The training curves are displayed after training to visualize the model's ability to make correct predictions.

To make the implementation modular and robust, there are several things that can be used:
- Layer Type:
- Dense Layer
- Activation Layer
- Softmax Layer
- Dropout Layer
- Activations Functions:
- Sigmoid
- ReLU (Rectified Linear Unit)
- Tanh
- ELU (Exponential Linear Unit)
- Optimizers:
- SGD (Stochastic Gradient Descent)
- SGDM (Stochastic Gradient Descent with Momentum)

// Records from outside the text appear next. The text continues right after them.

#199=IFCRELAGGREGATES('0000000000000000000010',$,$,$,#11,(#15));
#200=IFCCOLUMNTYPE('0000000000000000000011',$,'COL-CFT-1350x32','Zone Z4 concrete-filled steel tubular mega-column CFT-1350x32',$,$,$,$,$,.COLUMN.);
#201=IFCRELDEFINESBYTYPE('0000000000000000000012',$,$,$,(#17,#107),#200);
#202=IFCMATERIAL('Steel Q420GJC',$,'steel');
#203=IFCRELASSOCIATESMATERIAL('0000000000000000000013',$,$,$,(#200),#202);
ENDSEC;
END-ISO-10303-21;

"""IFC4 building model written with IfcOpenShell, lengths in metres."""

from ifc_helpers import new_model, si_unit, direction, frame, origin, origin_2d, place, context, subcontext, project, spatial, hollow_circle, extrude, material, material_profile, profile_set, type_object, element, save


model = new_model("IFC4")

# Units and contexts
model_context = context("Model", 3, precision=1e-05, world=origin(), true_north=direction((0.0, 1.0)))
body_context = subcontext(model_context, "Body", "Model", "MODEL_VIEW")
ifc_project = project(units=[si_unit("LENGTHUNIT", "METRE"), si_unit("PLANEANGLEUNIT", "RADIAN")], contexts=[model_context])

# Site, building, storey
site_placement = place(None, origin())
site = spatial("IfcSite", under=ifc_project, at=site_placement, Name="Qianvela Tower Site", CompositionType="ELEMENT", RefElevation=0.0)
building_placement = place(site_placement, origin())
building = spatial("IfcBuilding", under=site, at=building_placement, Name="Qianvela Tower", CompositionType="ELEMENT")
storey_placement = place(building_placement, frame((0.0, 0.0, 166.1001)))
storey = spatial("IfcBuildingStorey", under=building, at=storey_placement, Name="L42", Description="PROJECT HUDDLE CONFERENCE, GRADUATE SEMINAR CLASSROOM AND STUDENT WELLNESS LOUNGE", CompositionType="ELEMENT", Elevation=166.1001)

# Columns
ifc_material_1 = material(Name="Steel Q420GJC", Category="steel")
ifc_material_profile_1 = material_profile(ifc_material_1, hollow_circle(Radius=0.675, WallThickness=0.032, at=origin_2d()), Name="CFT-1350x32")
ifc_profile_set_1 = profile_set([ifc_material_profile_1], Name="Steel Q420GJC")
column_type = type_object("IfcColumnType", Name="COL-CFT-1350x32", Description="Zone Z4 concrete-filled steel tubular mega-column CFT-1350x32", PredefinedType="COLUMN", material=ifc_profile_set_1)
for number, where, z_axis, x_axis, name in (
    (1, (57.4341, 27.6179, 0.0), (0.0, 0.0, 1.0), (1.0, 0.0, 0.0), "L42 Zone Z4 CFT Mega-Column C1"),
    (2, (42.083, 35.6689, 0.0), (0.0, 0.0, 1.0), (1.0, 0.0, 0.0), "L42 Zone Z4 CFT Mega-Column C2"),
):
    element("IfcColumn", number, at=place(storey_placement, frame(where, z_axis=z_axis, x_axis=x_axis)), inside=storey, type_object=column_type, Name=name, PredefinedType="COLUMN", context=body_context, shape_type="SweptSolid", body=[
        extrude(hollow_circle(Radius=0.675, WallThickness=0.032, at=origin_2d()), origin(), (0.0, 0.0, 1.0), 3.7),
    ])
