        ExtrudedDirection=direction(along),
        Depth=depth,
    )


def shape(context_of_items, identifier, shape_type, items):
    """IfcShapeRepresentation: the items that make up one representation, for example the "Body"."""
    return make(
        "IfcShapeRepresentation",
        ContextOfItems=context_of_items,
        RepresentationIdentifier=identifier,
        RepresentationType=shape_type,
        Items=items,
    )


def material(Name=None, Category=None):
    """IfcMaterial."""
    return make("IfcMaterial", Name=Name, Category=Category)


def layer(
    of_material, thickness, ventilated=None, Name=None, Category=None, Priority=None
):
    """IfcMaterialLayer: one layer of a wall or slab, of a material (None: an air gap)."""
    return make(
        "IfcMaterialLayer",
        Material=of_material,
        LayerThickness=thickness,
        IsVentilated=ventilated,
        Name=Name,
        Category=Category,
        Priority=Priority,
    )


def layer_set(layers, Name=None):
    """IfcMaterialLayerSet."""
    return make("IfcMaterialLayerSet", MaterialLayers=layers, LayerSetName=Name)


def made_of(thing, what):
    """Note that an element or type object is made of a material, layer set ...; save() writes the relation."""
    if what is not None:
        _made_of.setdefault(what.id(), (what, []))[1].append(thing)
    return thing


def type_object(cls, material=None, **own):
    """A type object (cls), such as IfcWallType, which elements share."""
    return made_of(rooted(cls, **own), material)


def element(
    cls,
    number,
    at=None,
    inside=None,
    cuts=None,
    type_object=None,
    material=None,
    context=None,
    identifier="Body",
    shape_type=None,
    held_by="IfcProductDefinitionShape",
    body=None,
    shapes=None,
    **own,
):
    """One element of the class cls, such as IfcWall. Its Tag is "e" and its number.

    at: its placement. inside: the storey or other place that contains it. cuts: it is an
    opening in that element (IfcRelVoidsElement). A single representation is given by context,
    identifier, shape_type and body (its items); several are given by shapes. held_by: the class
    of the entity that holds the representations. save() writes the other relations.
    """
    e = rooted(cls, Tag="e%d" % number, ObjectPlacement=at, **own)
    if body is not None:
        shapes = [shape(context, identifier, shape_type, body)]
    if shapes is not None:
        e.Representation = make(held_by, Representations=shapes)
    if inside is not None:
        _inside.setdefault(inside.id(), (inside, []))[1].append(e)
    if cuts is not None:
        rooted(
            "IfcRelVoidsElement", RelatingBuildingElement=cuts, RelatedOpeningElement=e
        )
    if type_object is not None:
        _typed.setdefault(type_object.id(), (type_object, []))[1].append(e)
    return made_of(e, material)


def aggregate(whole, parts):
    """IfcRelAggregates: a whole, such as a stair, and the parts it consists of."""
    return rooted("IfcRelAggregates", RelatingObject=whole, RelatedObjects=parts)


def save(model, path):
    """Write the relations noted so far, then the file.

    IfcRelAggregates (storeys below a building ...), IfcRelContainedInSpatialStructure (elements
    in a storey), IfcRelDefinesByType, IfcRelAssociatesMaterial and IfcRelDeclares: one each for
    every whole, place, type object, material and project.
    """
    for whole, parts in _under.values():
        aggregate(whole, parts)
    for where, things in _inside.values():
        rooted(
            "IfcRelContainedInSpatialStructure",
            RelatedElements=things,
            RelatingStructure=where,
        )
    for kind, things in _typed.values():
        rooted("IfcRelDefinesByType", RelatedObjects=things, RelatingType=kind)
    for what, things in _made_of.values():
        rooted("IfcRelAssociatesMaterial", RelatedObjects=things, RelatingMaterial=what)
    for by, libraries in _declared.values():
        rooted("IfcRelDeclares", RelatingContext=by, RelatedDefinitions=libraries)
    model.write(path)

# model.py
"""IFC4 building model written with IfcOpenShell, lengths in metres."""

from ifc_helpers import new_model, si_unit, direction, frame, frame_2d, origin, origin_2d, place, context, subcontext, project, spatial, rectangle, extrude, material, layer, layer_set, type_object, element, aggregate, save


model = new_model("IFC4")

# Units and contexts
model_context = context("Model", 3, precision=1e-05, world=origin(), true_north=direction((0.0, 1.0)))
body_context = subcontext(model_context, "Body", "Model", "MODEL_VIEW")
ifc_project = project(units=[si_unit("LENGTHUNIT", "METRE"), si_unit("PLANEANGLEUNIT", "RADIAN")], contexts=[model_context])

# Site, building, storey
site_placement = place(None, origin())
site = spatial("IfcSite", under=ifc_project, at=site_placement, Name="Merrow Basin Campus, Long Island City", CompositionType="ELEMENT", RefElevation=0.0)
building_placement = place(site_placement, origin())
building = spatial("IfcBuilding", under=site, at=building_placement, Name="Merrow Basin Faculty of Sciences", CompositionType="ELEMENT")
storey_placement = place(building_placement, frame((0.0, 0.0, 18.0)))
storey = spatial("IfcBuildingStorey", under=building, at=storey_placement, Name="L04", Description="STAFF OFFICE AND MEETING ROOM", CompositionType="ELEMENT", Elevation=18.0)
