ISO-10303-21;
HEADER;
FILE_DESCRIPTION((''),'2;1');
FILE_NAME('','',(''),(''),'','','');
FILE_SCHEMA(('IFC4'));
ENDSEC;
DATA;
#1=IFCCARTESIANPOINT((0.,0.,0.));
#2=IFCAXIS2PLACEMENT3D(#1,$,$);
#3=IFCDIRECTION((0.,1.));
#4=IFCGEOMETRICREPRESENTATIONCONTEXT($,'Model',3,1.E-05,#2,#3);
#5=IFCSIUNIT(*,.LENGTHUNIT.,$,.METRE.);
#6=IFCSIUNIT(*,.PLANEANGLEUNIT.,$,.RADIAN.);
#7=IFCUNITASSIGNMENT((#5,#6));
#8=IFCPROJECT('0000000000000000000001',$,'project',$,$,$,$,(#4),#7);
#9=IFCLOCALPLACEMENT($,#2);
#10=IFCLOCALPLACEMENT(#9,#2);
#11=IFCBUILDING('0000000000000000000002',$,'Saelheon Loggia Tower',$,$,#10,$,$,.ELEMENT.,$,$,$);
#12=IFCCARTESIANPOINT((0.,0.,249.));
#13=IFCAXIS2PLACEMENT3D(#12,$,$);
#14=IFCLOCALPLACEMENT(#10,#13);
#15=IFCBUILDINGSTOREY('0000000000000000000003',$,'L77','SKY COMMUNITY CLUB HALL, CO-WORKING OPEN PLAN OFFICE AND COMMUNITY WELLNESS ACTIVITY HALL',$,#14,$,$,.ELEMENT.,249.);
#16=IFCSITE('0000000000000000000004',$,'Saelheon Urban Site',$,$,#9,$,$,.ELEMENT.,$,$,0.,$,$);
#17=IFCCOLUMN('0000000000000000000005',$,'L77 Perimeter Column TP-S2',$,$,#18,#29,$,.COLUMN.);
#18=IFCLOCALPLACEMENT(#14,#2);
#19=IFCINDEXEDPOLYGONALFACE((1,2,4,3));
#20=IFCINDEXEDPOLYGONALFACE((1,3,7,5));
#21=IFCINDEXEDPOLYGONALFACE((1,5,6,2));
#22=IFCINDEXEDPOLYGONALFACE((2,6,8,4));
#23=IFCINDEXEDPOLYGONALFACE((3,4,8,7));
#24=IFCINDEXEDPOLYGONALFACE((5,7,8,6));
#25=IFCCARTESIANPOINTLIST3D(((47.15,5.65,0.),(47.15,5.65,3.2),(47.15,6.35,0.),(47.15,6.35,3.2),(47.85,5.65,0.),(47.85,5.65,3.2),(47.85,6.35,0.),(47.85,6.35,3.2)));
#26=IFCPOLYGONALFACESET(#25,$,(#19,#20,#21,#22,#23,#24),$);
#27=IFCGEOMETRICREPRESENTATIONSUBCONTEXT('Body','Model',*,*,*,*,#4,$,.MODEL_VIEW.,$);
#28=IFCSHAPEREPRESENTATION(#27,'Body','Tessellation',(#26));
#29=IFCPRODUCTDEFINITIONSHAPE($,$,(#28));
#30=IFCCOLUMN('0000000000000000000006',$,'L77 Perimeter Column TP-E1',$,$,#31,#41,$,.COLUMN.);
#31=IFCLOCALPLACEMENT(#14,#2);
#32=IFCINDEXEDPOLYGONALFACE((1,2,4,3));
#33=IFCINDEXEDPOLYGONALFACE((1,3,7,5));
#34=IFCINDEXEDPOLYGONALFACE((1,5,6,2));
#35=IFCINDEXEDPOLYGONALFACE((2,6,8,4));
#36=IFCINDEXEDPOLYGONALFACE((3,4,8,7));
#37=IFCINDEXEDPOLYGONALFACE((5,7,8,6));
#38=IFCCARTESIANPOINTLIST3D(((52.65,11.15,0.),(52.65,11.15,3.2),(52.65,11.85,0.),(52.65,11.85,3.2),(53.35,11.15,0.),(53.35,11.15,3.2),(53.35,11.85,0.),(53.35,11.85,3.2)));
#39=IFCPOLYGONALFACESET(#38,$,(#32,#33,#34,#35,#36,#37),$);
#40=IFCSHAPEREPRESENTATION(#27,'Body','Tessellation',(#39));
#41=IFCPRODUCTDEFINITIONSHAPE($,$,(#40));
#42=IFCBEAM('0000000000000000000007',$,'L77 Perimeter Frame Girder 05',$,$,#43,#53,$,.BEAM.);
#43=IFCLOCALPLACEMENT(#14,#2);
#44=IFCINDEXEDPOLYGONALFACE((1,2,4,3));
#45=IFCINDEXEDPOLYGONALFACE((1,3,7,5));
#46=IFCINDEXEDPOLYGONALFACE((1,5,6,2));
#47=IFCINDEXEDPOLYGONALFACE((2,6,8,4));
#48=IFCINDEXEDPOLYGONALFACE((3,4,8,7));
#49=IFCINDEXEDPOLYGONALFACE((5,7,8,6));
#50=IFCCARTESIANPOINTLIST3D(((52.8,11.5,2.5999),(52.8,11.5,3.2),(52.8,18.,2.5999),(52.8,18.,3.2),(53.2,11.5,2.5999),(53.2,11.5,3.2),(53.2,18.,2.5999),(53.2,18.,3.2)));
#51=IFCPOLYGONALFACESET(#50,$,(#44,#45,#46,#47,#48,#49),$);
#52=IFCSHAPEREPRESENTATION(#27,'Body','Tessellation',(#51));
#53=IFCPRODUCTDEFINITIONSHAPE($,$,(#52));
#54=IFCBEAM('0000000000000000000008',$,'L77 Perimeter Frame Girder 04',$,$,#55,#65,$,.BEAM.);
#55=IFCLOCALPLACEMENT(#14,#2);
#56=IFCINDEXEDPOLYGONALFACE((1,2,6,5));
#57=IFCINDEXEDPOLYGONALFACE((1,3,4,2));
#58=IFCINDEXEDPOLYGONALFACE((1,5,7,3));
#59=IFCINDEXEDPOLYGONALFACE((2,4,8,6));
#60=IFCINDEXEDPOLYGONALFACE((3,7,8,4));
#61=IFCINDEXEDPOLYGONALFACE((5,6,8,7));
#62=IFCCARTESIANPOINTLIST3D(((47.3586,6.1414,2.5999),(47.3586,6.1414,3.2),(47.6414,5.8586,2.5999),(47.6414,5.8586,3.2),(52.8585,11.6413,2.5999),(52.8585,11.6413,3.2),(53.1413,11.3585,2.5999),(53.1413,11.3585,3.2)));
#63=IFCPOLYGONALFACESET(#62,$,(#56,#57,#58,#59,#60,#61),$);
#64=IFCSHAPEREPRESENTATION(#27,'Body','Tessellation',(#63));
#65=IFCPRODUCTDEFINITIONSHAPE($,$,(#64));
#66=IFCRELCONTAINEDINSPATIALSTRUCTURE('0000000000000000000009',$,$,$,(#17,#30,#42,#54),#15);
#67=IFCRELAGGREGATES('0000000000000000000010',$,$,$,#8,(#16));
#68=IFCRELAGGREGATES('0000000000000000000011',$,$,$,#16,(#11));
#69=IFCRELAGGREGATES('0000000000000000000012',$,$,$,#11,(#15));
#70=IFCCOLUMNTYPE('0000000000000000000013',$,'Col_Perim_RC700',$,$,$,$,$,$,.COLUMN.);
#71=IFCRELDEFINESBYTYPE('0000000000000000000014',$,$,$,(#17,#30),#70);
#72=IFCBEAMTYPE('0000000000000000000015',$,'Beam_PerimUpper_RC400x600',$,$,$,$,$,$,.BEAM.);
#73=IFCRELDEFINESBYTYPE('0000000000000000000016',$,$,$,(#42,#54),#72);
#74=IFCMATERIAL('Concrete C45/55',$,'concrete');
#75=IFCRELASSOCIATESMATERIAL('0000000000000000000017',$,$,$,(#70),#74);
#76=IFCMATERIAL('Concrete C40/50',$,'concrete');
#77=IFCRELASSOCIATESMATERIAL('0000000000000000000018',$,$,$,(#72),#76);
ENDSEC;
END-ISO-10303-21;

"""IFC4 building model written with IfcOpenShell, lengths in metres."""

from ifc_helpers import new_model, si_unit, direction, frame, origin, origin_2d, place, context, subcontext, project, spatial, rectangle, extrude, source, transform, mapped, material, material_profile, profile_set, type_object, element, save


model = new_model("IFC4")

# Units and contexts
model_context = context("Model", 3, precision=1e-05, world=origin(), true_north=direction((0.0, 1.0)))
body_context = subcontext(model_context, "Body", "Model", "MODEL_VIEW")
ifc_project = project(units=[si_unit("LENGTHUNIT", "METRE"), si_unit("PLANEANGLEUNIT", "RADIAN")], contexts=[model_context])

# Site, building, storey
site_placement = place(None, origin())
site = spatial("IfcSite", under=ifc_project, at=site_placement, Name="Saelheon Urban Site", CompositionType="ELEMENT", RefElevation=0.0)
building_placement = place(site_placement, origin())
building = spatial("IfcBuilding", under=site, at=building_placement, Name="Saelheon Loggia Tower", CompositionType="ELEMENT")
storey_placement = place(building_placement, frame((0.0, 0.0, 249.0)))
storey = spatial("IfcBuildingStorey", under=building, at=storey_placement, Name="L77", Description="SKY COMMUNITY CLUB HALL, CO-WORKING OPEN PLAN OFFICE AND COMMUNITY WELLNESS ACTIVITY HALL", CompositionType="ELEMENT", Elevation=249.0)

# Columns
ifc_material_1 = material(Name="Concrete C45/55", Category="concrete")
ifc_material_profile_1 = material_profile(ifc_material_1, rectangle(XDim=0.7, YDim=0.7, at=origin_2d()), Name="RC-700x700")
ifc_profile_set_1 = profile_set([ifc_material_profile_1], Name="Concrete C45/55")
column_type = type_object("IfcColumnType", Name="Col_Perim_RC700", PredefinedType="COLUMN", material=ifc_profile_set_1)
shared_shape_1 = source(origin(), body_context, "Body", "SweptSolid", [
    extrude(rectangle(XDim=0.7, YDim=0.7, at=origin_2d()), origin(), (0.0, 0.0, 1.0), 3.2),
])
for number, where, z_axis, x_axis, name in (
    (1, (47.5, 6.0, 0.0), (0.0, 0.0, 1.0), (1.0, 0.0, 0.0), "L77 Perimeter Column TP-S2"),
    (2, (53.0, 11.5, 0.0), (0.0, 0.0, 1.0), (1.0, 0.0, 0.0), "L77 Perimeter Column TP-E1"),
):
    element("IfcColumn", number, at=place(storey_placement, frame(where, z_axis=z_axis, x_axis=x_axis)), inside=storey, type_object=column_type, Name=name, PredefinedType="COLUMN", context=body_context, shape_type="MappedRepresentation", body=[
        mapped(shared_shape_1, transform((0.0, 0.0, 0.0), scale=1.0)),
    ])

# Beams
ifc_material_2 = material(Name="Concrete C40/50", Category="concrete")
ifc_material_profile_2 = material_profile(ifc_material_2, rectangle(XDim=0.3999, YDim=0.6001, at=origin_2d()), Name="RC-400x600")
ifc_profile_set_2 = profile_set([ifc_material_profile_2], Name="Concrete C40/50")
beam_type = type_object("IfcBeamType", Name="Beam_PerimUpper_RC400x600", PredefinedType="BEAM", material=ifc_profile_set_2)
shared_shape_2 = source(origin(), body_context, "Body", "SweptSolid", [
    extrude(rectangle(XDim=0.3999, YDim=0.6001, at=origin_2d()), origin(), (0.0, 0.0, 1.0), 6.5),
])
beam_1_placement = place(storey_placement, frame((53.0, 11.5, 2.8999), z_axis=(0.0, 1.0, 0.0), x_axis=(-1.0, 0.0, 0.0)))
element("IfcBeam", 3, at=beam_1_placement, inside=storey, type_object=beam_type, Name="L77 Perimeter Frame Girder 05", PredefinedType="BEAM", context=body_context, shape_type="MappedRepresentation", body=[
    mapped(shared_shape_2, transform((0.0, 0.0, 0.0), scale=1.0)),
])
shared_shape_3 = source(origin(), body_context, "Body", "SweptSolid", [
    extrude(rectangle(XDim=0.3999, YDim=0.6001, at=origin_2d()), origin(), (0.0, 0.0, 1.0), 7.7781),
])
beam_2_placement = place(storey_placement, frame((47.5, 6.0, 2.8999), z_axis=(0.707107, 0.707107, 0.0), x_axis=(-0.707107, 0.707107, 0.0)))
element("IfcBeam", 4, at=beam_2_placement, inside=storey, type_object=beam_type, Name="L77 Perimeter Frame Girder 04", PredefinedType="BEAM", context=body_context, shape_type="MappedRepresentation", body=[
    mapped(shared_shape_3, transform((0.0, 0.0, 0.0), scale=1.0)),
])

save(model, "model.ifc")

- ADAM (Adaptive Moment Estimation)
- RMSProp (Root Mean Squared Propagation)
This is an example of use in the code:
# Define the architecture of the model
net = NeuralNetwork(
[
DenseLayer(x_train.shape[1], 30),
ActivationLayer("relu"),
DropoutLayer(0.1),
DenseLayer(30, 20),
ActivationLayer("tanh"),
DenseLayer(20, 10),
ActivationLayer("relu"),
DenseLayer(10, output_shape),
SoftmaxLayer(),
]
)
# Train the model
net.fit(
train=(x_train, y_train),
test=(x_test, y_test),
epochs=500,
lr=0.001,
batch_size=16,
optimizer=AdamOptimizer(),
)We can print the model's architecture using print keyword:
+-----------------+--------------+----------+
| Layer | Function | Shape |
+-----------------+--------------+----------+
| DenseLayer | Weighted Sum | (10, 30) |
| ActivationLayer | Relu | |
| DropoutLayer | Dropout | |
| DenseLayer | Weighted Sum | (30, 20) |
| ActivationLayer | Tanh | |
| DenseLayer | Weighted Sum | (20, 10) |
| ActivationLayer | Relu | |
| DenseLayer | Weighted Sum | (10, 2) |
| SoftmaxLayer | Softmax | |
+-----------------+--------------+----------+
After training a model, we can use it to make predictions on unseen datas. To see the model's performance, we refer to the confusion matrix

In order to compare different architectures, we can use the benchmark.py program and find the most suitable one.